Omari... doesn't say much, when he's informed. What is there to say? His daughter's dead. And then he has to tell everyone else.
It's hard to believe it. He's not sure he can. He has to write an obituary, and he's starting to get why people are always described as perfect in them. It feels like tainting her, somehow, to put down anything less. She had personality, life, so many quirks that made people argue with her but he can't put them down on paper. She is was, still, his perfect daughter.
He avoids the river, now. He used to go there with Sam to feed the birds, a bag of dried peas every week, and he wonders, sometimes. Is it an insult to her memory not to go there anymore? Do birds remember? But he can't. Not knowing they pulled her body out of there.

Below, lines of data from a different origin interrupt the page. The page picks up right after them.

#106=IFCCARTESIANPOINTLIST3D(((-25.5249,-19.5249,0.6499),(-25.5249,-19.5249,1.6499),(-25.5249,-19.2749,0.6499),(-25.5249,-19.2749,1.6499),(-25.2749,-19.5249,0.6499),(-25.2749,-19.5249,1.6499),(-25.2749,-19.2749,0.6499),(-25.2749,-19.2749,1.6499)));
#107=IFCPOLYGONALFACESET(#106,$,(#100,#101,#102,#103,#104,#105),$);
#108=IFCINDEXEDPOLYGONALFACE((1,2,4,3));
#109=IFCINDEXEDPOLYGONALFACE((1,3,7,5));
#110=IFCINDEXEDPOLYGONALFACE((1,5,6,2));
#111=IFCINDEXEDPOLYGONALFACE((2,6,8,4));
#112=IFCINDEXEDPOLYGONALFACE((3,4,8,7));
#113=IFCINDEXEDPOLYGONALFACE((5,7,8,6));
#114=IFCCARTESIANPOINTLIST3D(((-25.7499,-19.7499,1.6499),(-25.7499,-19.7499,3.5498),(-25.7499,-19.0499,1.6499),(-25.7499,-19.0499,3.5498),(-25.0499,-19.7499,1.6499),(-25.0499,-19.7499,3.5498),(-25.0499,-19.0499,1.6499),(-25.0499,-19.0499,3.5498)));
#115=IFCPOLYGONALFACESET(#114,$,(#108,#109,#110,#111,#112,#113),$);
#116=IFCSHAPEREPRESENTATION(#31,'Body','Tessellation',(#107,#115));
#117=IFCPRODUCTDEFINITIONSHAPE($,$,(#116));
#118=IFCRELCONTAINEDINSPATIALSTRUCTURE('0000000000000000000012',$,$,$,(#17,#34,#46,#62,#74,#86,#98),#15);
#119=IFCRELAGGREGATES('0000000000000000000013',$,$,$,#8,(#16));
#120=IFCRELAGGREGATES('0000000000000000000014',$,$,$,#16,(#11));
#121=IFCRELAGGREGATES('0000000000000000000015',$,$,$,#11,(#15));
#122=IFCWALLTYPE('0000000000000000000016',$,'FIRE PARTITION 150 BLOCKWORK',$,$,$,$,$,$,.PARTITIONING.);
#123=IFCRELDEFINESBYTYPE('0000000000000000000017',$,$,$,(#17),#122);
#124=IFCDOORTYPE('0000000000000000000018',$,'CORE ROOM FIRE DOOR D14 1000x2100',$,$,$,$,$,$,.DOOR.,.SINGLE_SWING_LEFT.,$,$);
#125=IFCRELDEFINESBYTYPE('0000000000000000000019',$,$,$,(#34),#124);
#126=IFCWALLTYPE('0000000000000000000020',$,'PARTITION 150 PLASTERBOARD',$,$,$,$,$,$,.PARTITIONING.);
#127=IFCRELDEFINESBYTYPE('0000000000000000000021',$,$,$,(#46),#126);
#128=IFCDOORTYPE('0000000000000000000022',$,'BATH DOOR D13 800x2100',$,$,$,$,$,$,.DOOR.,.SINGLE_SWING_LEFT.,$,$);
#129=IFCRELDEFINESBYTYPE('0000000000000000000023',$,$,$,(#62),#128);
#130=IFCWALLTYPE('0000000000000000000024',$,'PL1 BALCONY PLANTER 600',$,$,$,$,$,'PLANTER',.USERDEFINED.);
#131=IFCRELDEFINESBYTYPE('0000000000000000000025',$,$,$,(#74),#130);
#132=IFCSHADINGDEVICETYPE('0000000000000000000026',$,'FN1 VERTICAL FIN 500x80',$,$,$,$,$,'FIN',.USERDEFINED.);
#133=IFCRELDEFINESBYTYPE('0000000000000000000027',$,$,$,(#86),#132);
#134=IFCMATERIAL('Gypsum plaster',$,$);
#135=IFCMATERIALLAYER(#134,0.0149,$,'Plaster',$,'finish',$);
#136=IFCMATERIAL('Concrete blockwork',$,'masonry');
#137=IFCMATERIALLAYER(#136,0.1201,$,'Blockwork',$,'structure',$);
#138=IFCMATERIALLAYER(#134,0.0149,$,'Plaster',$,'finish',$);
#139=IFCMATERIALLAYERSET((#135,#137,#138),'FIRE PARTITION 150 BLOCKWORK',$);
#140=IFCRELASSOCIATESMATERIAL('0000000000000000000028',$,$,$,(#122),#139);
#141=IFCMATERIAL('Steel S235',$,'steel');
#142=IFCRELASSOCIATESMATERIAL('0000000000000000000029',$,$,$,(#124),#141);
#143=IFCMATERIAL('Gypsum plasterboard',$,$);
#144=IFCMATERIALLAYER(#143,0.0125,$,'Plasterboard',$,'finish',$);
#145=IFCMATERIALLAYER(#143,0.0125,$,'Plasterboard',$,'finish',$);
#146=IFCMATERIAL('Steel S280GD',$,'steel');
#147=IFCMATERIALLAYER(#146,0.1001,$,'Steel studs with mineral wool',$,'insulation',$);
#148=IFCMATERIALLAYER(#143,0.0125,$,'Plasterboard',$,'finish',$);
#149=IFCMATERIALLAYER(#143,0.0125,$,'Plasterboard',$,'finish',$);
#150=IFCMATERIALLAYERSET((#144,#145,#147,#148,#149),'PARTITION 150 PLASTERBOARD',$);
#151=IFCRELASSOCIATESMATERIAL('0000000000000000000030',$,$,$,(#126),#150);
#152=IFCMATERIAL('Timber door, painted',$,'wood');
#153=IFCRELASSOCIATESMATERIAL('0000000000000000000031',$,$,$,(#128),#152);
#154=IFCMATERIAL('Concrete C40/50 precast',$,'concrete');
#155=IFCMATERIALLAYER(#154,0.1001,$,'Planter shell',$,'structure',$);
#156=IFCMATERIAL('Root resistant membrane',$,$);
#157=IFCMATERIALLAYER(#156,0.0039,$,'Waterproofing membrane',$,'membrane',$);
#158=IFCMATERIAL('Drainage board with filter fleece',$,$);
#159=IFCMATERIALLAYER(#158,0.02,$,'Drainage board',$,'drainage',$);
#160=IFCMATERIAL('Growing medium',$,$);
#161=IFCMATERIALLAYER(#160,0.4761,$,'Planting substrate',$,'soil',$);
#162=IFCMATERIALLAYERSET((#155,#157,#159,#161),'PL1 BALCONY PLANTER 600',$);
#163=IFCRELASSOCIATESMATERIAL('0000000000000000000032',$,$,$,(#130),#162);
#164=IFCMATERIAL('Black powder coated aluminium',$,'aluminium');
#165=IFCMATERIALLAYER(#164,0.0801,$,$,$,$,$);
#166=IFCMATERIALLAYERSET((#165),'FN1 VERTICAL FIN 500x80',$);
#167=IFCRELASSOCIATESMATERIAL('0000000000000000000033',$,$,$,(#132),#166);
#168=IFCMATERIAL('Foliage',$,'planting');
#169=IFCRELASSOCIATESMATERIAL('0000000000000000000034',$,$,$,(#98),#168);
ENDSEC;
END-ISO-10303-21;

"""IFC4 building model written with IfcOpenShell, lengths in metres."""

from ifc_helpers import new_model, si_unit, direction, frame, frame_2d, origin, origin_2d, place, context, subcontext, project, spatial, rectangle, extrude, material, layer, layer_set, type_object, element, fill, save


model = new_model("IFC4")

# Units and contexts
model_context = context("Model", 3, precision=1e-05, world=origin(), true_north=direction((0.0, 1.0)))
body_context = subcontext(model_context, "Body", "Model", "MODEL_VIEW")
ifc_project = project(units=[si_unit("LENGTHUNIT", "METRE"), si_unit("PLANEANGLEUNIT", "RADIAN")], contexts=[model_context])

He still goes to the orchestra concerts, him and Kayla. Sam's gone but for a few hours they can pretend she's still there, unable to see that she's not with their eyes closed, just listening to the music and forgetting, just for a little bit, that it's not Sam performing on stage. That that's not the reason she's not sitting with them, even though it should be.
_
Mariano cleans the flat, almost obsessively. Everything is sparkling, now, more than it ever was. It helps that Samantha's mess is out of the way, in her bedroom, but that just makes Mariano feel worse.
Everything is sparkling except for Sam's room. All the winter coats are tidied away, except for Samantha's. After all, she might need it. She might come back and need it and then what would they do?
And she can't bear to go in Samantha's room. She just can't. Ade and Faith and Alaia do, she knows Alaia sleeps there sometimes, but she just can't.
Her daughter is dead. Or missing, as Ade says, but gone all the same.
It's time to clean the good coats. It's almost time for the spring concert. She'll clean Samantha's too, and her shoes. Maybe they'll get a miracle.
The funeral was beautiful. Too beautiful. The orchestra played Venus, with a seat left free for her daughter, and it was as cheerful as Samantha would've liked it to be, and packed full to bursting, but she could hardly bear it. Her daughter is dead, and no matter the type of funeral that's not going to change.
_
They're having another argument, her and Faith. Pizza toppings, this time. After Faith being wrong for the umpteenth time, Kayla turns automatically to Sam. So does her sister.
She's not there.
Of course she's not there, she hasn't been there for months.
It hits Kayla like a truck every time, bowling her over. Her chest is crushed and she can barely breathe.
Sam is dead.
Her baby sister, who was born so tiny, who has always loved music, who would have been world-famous if she'd had a chance to grow, if she hadn't hated the idea so much. Who she'd put her first paycheck towards so Sam could continue the violin lessons she loved so much when the cost went up.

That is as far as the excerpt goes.